Pendant l’été 2010, trois jeunes soldats ont déserté l’institution pour demander l’asile politique en Suède. La République fédérale d’Allemagne n’a pas encore répondu à une demande du gouvernement djiboutien pour la formation des soldats de la garde républicaine.

– Du jamais vu en république de Djibouti.

Ignorant pratiquement les autres corps et ne faisant plus confiance à la gendarmerie ni à la police, le chef suprême (et auto-proclamé) des armées privilégie sa garde républicaine.
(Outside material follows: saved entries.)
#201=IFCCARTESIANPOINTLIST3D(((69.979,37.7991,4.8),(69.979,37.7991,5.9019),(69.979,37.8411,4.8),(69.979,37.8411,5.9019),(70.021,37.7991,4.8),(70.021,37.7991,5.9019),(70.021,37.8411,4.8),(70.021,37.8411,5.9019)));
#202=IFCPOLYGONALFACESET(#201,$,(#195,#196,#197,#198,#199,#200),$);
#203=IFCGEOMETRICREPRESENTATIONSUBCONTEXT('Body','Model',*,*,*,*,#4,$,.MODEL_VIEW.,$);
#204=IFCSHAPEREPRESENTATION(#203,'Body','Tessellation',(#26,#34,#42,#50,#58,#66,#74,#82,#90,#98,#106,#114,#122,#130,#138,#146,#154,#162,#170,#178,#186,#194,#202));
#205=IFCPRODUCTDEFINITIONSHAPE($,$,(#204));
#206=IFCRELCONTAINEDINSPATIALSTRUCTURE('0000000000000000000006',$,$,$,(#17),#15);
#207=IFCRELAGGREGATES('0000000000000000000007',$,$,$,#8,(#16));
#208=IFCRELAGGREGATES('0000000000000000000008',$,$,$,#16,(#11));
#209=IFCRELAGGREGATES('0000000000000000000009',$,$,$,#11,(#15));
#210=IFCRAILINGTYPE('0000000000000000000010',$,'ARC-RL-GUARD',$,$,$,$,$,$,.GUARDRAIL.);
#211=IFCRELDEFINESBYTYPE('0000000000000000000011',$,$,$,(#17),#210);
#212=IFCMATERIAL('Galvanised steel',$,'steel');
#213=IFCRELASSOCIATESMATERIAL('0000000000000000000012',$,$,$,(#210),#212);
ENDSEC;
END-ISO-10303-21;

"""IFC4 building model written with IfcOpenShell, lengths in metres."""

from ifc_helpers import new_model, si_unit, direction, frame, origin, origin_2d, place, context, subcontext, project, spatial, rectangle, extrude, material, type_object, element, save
Dernièrement le régime a recruté 290 filles et garçons pour renforcer l’institution. Contrairement à l’intégration dans les autres corps, les jeunes recrues ont du prononcer le serment de servir fidèlement le gros chef, sur le livre sacré du Coran.

Ce qui fait les affaires du berger Mohamed Djama Doualeh, qui a décidé de se servir en premier. C’est ainsi que les nouvelles recrues ne perçoivent qu’un salaire de misère d’environ 15.000 Fdj alors que les anciens sont bien payés. Alors les jeunes crient à la trahison ! Mais ils savent aussi que le chômage les attend au dehors : donc ils se taisent.

La cérémonie se tient le 30 janvier cette année au camp Omar Aline.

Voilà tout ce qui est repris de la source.